Building your ‘cap table’

by Kamal Hassan

One thing experienced investors and entrepreneurs take for granted is the company’s ‘cap table’, short for the company’s capitalization table. People often say ‘send me your cap table’: to new entrepreneurs, this question can be intimidating and stressful. It doesn’t need to be. [It can also be hard. With IncMind, it doesn’t need to be.]

What is a ‘cap table’?   It is a record of the ownership of your company: it shows who owns how much of the company. A detailed cap table would also show what type of shares (more strictly speaking ‘securities’ – see footnote) people bought, when they bought them, and how much they paid for them. It’s a very important document. If your company is ever bought, or dividends are ever paid, i.e., if your company is ever actually worth something, the cap table will determine who gets what share of the money. Investors want to see the cap table so they can figure out how much they will get from their investment, and to see what you have promised to other people.

Cap tables are historically built on Excel. This is a matter for concern, when you consider that 88% of all spreadsheets have errors in them (according to research by Ray Panko reported in 2013). I used to build our company’s cap table myself on Excel, and was embarrassed on how often I found errors in it. And I’m a former Bain consultant, i.e., spreadsheet jockey! That’s why we built a cap table tool in IncMind: a tool with built-in templates that does everything the standard spreadsheets used to … only it is already set up for you, and it comes without the errors.

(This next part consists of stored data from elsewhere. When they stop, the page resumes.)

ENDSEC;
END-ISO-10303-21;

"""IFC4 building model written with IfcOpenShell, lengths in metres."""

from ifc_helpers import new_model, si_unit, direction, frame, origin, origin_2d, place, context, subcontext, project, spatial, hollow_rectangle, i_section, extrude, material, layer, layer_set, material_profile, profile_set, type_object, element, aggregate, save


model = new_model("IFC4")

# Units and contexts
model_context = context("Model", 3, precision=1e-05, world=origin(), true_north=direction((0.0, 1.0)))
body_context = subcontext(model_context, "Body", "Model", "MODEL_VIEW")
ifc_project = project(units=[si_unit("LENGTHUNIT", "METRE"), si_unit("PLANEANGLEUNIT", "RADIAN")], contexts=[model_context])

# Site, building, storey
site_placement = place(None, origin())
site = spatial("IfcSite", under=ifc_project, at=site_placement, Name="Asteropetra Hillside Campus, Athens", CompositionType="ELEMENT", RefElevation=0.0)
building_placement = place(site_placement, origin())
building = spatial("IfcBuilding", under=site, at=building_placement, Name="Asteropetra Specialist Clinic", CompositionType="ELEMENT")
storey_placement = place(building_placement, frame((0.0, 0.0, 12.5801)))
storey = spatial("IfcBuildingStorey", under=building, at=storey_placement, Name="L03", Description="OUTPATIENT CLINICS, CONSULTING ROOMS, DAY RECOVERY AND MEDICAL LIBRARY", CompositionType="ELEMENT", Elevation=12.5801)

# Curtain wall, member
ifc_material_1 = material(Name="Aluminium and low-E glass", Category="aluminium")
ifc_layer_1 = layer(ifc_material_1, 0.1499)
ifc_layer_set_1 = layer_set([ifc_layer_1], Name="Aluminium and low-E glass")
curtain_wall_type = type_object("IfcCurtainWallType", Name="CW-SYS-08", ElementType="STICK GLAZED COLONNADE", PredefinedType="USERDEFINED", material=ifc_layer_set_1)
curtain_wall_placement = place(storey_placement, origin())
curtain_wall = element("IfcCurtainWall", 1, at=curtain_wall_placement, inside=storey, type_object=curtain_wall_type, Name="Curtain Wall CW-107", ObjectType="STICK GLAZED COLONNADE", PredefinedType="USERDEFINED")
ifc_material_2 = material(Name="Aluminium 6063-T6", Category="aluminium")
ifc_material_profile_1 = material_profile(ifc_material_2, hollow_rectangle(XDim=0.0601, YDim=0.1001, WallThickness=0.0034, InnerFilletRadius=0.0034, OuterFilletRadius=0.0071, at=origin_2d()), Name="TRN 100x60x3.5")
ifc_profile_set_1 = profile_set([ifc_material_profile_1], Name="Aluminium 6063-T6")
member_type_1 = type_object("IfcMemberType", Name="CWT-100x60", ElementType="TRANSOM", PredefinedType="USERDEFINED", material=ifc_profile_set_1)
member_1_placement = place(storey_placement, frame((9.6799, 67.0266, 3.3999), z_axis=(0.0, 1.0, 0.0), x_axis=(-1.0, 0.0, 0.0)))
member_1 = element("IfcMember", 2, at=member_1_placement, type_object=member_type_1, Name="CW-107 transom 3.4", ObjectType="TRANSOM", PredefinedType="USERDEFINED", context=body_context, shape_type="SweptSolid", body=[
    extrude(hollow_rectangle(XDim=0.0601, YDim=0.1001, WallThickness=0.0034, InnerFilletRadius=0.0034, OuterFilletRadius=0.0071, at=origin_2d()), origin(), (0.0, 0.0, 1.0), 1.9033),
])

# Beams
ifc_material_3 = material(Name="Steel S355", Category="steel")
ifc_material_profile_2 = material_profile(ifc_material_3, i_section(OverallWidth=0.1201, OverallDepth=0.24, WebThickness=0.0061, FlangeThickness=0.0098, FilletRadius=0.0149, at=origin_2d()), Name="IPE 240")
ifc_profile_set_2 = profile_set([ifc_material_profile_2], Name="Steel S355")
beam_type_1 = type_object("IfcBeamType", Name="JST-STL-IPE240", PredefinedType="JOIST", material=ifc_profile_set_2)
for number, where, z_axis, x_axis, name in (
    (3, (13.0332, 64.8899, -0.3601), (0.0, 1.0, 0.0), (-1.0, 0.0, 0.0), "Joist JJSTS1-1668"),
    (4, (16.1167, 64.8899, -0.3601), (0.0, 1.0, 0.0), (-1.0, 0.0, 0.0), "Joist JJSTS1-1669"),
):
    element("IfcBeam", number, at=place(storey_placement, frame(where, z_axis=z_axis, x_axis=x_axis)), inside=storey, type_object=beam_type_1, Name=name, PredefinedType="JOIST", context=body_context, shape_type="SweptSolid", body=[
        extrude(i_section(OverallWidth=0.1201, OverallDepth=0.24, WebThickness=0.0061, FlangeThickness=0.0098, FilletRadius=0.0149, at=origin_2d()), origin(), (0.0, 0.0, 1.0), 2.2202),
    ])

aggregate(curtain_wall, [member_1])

Corporate lawyers especially have an interesting relationship with cap tables. They are normally the guardians of the company’s official minute book, which includes the official ownership record. They are supposed to verify every transaction. Strictly speaking they should verify that papers are signed and payment is received before issuing shares. But of course the company’s CEO controls the information, and the CEO will often just say ‘oh yeah, Sally Brown just bought 1,000 shares, oh, and we gave 500 options to Wu Zheng six months ago’. Most lawyers just issue the shares as and when directed by the CEO, without verification. This is silly. That’s why we built fields into our automated tool. With every transaction you can load the appropriate documentation: evidence of signature, evidence of payment, and a copy of the share certificate.


These are the sorts of little housekeeping matters which are easy to ignore until later … and if you do ignore them, when later comes, you may find out that you don’t own what you thought you did in the company. The options you were promised, but never actually got issued? It’s pretty hard to issue them after the acquisition offer comes in.

It doesn’t matter whether you use IncMind to build your cap table or not. You need to record the following:

  • each transaction in your ‘securities’ (see footnote) or shares
  • who received, how many shares, on what date, for how much money
  • for each transaction, attach the contract, proof of payment and share (or other) certificate


At the end you will want to add up all transactions, and you can then generate a shareholder register. This shows, for each kind of security/share, who owns how many of each kind of share … and normally for convenience it shows the percentage owned of the class of shares, and the percentage owned of the total company. Do this by building an Excel table, by using IncMind, or by any other solution you prefer: the choice is yours. Just make sure you do it … and do it soon. If your cap table is in bad shape, you may not own what you think you own, and you – or people you have made promises to – may end up not getting what you (they) deserve.

Note: there are many types of documents that can give you ownership of a company. Because not all of these are shares, there is a more general term, called ‘securities’. Common types of securities include:

  • common shares: if you only have one kind of shares, by default these are common shares: you get what is left in the company after everyone else takes what they are owed
  • preferred shares: shares which have special rights compared to common shares
  • options: typically options to acquire common shares: a contract that gives you the right to buy, e.g., common shares, at an agreed price under certain conditions up to an agreed time in the future; these are typically granted to employees by the company to give them the benefits of ownership in a firm, without the tax bill that would come with a gift of shares
  • warrants: a type of option
  • convertible debt: debt which can be converted into shares at an agreed price under certain conditions up to an agreed time in the future: this is often granted to investors to give them the benefits of ownership in a firm, with the protections granted to debtholders if the company does poorly

You will notice that one thing all securities shown on the cap table have in common is the fact that they are either shares, or they can be exchanged for shares.